3バック挑戦の現状を語った日本代表DF酒井宏樹(マルセイユ)

写真拡大

[6.5 キリンチャレンジ杯 日本0-0トリニダード・トバゴ 豊田ス]

 日本代表の森保一監督は就任15試合目にして、初めて代名詞の3バックを採用した。右ウイングバックの位置で前がかりなポジションを取ろうと試みたDF酒井宏樹(マルセイユ)は「代表戦なので結果にこだわらないといけないし、そういう意味では歯がゆい」としつつ、新たなトライを前向きに捉えた。

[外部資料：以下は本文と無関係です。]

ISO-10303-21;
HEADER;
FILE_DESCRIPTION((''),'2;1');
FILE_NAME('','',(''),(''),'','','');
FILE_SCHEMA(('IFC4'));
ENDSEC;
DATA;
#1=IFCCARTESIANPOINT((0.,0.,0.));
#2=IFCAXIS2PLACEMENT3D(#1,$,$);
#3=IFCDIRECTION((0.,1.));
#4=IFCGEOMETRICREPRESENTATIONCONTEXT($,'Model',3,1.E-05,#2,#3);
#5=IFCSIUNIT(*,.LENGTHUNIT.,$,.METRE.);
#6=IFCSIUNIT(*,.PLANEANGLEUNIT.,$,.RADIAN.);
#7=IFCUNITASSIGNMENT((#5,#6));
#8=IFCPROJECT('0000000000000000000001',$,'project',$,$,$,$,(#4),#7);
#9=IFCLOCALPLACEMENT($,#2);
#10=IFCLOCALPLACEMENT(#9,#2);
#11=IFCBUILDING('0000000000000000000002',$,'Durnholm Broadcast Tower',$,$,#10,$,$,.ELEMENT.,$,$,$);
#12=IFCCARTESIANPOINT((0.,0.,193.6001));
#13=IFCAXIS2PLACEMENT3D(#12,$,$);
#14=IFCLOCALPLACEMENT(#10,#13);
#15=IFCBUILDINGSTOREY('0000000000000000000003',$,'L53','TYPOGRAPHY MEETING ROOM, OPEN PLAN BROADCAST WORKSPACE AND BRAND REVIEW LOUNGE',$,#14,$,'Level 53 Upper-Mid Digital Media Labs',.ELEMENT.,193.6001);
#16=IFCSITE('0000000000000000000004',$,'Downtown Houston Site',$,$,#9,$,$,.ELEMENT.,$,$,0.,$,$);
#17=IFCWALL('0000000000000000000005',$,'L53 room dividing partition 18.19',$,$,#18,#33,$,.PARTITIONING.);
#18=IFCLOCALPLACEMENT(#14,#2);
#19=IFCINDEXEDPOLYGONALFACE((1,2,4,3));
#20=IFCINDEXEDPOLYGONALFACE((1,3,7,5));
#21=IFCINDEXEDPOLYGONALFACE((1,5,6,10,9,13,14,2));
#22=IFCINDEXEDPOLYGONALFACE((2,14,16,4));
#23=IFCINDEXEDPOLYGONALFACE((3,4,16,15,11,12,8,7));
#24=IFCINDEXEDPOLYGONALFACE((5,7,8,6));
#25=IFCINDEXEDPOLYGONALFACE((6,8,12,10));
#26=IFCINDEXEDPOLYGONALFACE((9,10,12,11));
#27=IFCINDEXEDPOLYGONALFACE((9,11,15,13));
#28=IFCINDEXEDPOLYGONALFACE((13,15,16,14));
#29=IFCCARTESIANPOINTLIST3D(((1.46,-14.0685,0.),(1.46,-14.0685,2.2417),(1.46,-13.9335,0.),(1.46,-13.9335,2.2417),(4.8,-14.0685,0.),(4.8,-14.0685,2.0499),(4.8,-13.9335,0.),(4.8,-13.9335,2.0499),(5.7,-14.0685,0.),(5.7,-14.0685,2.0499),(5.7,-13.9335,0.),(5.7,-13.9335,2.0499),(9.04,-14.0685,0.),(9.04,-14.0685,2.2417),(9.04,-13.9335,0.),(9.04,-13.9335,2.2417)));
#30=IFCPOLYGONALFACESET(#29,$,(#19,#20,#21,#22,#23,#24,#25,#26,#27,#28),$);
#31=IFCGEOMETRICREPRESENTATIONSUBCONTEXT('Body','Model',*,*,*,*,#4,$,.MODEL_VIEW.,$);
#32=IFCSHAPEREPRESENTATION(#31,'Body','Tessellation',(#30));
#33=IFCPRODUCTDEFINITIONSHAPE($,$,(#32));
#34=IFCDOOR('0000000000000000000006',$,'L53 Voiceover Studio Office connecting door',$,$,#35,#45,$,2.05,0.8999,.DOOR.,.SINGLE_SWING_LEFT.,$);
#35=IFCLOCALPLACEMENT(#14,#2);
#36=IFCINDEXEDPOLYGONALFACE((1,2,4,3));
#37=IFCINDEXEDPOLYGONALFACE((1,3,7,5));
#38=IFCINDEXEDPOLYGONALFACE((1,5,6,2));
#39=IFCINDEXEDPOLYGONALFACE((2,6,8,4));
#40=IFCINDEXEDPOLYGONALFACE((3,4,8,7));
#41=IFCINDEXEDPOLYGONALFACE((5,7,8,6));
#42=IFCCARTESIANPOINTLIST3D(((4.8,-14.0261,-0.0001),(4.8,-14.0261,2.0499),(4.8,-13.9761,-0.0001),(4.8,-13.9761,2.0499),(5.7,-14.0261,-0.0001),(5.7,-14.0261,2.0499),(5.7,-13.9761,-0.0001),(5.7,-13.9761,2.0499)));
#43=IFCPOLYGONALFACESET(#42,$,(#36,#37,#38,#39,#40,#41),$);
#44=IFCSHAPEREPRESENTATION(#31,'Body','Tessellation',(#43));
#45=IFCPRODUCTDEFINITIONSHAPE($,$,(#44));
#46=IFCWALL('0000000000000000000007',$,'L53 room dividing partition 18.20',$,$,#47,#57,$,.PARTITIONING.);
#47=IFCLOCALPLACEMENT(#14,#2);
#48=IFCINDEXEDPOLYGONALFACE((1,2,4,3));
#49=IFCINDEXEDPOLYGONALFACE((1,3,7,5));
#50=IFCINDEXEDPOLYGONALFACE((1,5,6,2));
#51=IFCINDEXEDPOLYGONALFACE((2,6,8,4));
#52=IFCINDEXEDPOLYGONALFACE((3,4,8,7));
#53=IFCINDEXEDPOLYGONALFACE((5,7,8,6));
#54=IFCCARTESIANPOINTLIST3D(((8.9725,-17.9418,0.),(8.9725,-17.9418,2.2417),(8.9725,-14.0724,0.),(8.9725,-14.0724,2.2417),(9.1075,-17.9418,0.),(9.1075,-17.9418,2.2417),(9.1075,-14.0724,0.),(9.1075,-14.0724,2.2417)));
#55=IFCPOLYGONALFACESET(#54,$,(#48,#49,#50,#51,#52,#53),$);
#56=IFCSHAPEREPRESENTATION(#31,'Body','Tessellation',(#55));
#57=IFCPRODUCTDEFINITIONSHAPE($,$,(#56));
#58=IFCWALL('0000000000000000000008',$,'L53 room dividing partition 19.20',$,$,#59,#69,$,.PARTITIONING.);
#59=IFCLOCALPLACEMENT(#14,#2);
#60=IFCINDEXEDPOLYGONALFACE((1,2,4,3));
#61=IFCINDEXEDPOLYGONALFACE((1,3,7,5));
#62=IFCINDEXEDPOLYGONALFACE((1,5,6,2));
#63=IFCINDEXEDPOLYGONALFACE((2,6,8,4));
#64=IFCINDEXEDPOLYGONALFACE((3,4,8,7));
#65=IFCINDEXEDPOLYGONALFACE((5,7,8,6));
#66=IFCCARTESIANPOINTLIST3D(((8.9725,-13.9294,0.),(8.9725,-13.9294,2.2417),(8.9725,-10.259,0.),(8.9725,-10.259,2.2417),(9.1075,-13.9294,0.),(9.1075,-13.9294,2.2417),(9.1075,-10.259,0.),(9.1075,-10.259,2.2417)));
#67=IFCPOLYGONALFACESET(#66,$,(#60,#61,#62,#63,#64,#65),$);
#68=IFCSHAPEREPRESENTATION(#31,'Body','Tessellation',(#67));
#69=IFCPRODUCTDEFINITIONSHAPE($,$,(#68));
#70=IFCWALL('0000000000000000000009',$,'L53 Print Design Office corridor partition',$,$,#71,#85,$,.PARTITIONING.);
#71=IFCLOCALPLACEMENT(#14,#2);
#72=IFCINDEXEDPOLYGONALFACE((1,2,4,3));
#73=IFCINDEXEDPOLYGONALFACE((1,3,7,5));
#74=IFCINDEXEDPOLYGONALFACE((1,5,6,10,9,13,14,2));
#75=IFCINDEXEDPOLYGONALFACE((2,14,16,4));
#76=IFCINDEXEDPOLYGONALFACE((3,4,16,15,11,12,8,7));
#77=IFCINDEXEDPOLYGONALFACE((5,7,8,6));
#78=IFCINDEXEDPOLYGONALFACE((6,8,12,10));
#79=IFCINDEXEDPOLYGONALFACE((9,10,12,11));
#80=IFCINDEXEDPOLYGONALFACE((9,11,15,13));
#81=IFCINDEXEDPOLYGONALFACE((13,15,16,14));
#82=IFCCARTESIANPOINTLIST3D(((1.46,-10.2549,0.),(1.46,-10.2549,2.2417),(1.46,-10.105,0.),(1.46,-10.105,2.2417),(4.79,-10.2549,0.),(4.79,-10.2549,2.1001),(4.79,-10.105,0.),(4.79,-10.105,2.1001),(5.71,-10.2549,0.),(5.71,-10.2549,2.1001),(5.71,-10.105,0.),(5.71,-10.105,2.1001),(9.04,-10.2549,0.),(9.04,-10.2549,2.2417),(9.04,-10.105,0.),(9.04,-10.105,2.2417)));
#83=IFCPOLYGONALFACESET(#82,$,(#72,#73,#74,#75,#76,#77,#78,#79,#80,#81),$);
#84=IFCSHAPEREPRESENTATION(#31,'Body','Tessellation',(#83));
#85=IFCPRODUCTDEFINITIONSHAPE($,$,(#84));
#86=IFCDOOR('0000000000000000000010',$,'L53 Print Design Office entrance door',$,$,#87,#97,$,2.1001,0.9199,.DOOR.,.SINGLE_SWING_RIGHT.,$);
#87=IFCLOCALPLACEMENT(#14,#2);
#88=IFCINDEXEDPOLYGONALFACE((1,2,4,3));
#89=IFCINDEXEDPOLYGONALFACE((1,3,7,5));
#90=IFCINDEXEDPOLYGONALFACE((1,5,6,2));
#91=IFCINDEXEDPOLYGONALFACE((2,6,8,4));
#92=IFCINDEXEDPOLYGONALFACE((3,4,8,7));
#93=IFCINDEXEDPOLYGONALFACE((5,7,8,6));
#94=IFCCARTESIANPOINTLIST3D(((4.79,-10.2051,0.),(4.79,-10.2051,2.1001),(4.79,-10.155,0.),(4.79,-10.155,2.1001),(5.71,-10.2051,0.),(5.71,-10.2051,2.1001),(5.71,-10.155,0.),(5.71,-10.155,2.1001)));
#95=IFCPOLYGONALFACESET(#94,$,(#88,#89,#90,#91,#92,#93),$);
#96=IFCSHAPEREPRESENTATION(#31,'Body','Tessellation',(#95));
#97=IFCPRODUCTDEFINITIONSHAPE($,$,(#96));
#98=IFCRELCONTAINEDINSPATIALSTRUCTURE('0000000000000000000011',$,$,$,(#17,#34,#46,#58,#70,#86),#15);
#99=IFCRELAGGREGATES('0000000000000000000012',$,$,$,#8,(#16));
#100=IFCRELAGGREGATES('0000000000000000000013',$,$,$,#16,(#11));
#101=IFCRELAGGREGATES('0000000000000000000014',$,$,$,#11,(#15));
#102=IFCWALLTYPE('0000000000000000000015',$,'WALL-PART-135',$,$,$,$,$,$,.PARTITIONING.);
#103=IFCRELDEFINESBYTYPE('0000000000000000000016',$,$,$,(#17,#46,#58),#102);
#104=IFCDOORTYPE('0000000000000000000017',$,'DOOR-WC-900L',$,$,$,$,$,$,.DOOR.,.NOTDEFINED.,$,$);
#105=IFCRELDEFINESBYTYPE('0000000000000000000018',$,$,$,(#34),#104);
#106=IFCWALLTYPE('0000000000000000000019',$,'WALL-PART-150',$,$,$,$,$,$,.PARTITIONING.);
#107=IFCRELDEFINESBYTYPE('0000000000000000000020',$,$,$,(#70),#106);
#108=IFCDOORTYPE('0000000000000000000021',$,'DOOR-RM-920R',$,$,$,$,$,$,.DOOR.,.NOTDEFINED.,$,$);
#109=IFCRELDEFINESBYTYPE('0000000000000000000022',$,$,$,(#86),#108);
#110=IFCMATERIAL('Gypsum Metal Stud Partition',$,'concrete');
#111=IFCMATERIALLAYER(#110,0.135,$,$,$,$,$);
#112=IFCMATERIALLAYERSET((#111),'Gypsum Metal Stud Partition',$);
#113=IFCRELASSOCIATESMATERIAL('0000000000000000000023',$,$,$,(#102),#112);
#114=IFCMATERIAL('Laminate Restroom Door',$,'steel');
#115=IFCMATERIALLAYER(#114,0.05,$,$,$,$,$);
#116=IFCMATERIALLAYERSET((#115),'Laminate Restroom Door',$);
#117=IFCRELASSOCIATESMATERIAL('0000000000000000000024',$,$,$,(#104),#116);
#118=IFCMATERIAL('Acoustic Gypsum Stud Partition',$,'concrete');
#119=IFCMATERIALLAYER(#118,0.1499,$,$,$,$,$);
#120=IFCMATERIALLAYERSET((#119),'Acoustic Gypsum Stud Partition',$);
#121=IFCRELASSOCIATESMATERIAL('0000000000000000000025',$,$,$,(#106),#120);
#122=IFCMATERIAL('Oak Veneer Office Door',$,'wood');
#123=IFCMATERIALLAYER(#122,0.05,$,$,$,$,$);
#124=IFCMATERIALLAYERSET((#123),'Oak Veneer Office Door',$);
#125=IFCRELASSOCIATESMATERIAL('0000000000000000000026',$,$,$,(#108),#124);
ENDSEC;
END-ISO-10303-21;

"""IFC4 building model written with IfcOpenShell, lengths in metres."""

from ifc_helpers import new_model, si_unit, direction, frame, frame_2d, origin, place, context, subcontext, project, spatial, rectangle, extrude, source, transform, mapped, material, layer, layer_set, type_object, type_shapes, element, fill, save


model = new_model("IFC4")

# Units and contexts
model_context = context("Model", 3, precision=1e-05, world=origin(), true_north=direction((0.0, 1.0)))
body_context = subcontext(model_context, "Body", "Model", "MODEL_VIEW")
ifc_project = project(units=[si_unit("LENGTHUNIT", "METRE"), si_unit("PLANEANGLEUNIT", "RADIAN")], contexts=[model_context])

# Site, building, storey
site_placement = place(None, origin())
site = spatial("IfcSite", under=ifc_project, at=site_placement, Name="Downtown Houston Site", CompositionType="ELEMENT", RefElevation=0.0)
building_placement = place(site_placement, origin())
building = spatial("IfcBuilding", under=site, at=building_placement, Name="Durnholm Broadcast Tower", CompositionType="ELEMENT")
storey_placement = place(building_placement, frame((0.0, 0.0, 193.6001)))
storey = spatial("IfcBuildingStorey", under=building, at=storey_placement, Name="L53", Description="TYPOGRAPHY MEETING ROOM, OPEN PLAN BROADCAST WORKSPACE AND BRAND REVIEW LOUNGE", LongName="Level 53 Upper-Mid Digital Media Labs", CompositionType="ELEMENT", Elevation=193.6001)
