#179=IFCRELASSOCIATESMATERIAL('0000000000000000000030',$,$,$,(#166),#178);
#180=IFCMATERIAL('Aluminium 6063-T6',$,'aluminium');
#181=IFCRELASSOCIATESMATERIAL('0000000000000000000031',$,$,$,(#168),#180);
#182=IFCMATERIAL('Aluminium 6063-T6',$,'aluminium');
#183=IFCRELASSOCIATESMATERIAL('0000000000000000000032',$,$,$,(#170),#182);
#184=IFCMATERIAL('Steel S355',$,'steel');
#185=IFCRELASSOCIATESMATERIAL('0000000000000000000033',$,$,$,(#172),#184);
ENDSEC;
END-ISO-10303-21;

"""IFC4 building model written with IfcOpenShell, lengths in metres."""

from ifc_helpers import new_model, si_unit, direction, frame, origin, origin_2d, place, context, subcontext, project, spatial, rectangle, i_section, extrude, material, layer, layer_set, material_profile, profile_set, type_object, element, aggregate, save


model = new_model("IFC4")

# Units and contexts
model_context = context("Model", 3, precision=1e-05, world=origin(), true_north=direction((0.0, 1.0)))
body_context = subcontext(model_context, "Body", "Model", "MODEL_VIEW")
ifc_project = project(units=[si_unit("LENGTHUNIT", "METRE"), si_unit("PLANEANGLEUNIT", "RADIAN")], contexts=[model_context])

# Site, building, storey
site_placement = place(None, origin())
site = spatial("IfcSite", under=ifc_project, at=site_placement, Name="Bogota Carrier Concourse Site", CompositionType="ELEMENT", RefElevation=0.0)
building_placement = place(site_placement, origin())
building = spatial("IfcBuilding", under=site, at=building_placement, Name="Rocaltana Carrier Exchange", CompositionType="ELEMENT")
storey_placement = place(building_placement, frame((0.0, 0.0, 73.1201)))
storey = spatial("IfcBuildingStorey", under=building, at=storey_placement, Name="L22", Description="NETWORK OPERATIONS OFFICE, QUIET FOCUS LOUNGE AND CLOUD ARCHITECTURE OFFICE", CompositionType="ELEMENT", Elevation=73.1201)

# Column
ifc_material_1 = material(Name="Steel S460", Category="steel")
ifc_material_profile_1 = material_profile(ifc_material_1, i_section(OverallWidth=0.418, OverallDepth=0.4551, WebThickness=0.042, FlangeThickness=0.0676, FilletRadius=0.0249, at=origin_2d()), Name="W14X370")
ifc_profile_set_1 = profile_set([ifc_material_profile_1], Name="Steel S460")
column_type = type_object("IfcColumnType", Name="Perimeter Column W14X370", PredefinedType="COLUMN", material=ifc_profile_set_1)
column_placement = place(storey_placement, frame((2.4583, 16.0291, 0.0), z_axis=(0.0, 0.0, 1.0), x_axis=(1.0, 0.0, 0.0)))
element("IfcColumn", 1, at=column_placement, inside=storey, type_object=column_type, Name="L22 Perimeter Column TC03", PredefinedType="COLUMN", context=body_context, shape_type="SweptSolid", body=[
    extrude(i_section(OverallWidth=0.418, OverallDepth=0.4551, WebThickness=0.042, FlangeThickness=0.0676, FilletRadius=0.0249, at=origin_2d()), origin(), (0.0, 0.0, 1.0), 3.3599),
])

 トリニダード・トバゴ戦での日本のフォーメーションは4列表記で示せば3-4-2-1。9月にカタールW杯のアジア予選がスタートするため、予選前最後の親善試合でオプション布陣に着手した形だ。酒井は「今日か次の試合しかないし、監督からもそういう話があったので前向きにチャレンジした」と振り返る。

 単純に3バックと言っても、ピッチ上で見られるシステムはチームによって異なる。この日は3トップで入ってきた相手に対し、反対サイドのDF長友佑都は相手ウインガーを視野に入れた一方、酒井はウインガーを背中側に置くポジションで守備ブロックをセット。やや右前傾とも言えるような陣形が目立った。

「3バックというは最初の形だけ。試合中にどんどん変えていくのが森保さんのやり方。最初だけ3バックで、試合中には4バックにもなるし、たまに2バックにもなる」。そうした布陣の切り替えは選手たちの判断に委ねられている模様。酒井自身は「前に出られるポジションを取りつつ、緊急時は戻れるポジションを意識していた」という。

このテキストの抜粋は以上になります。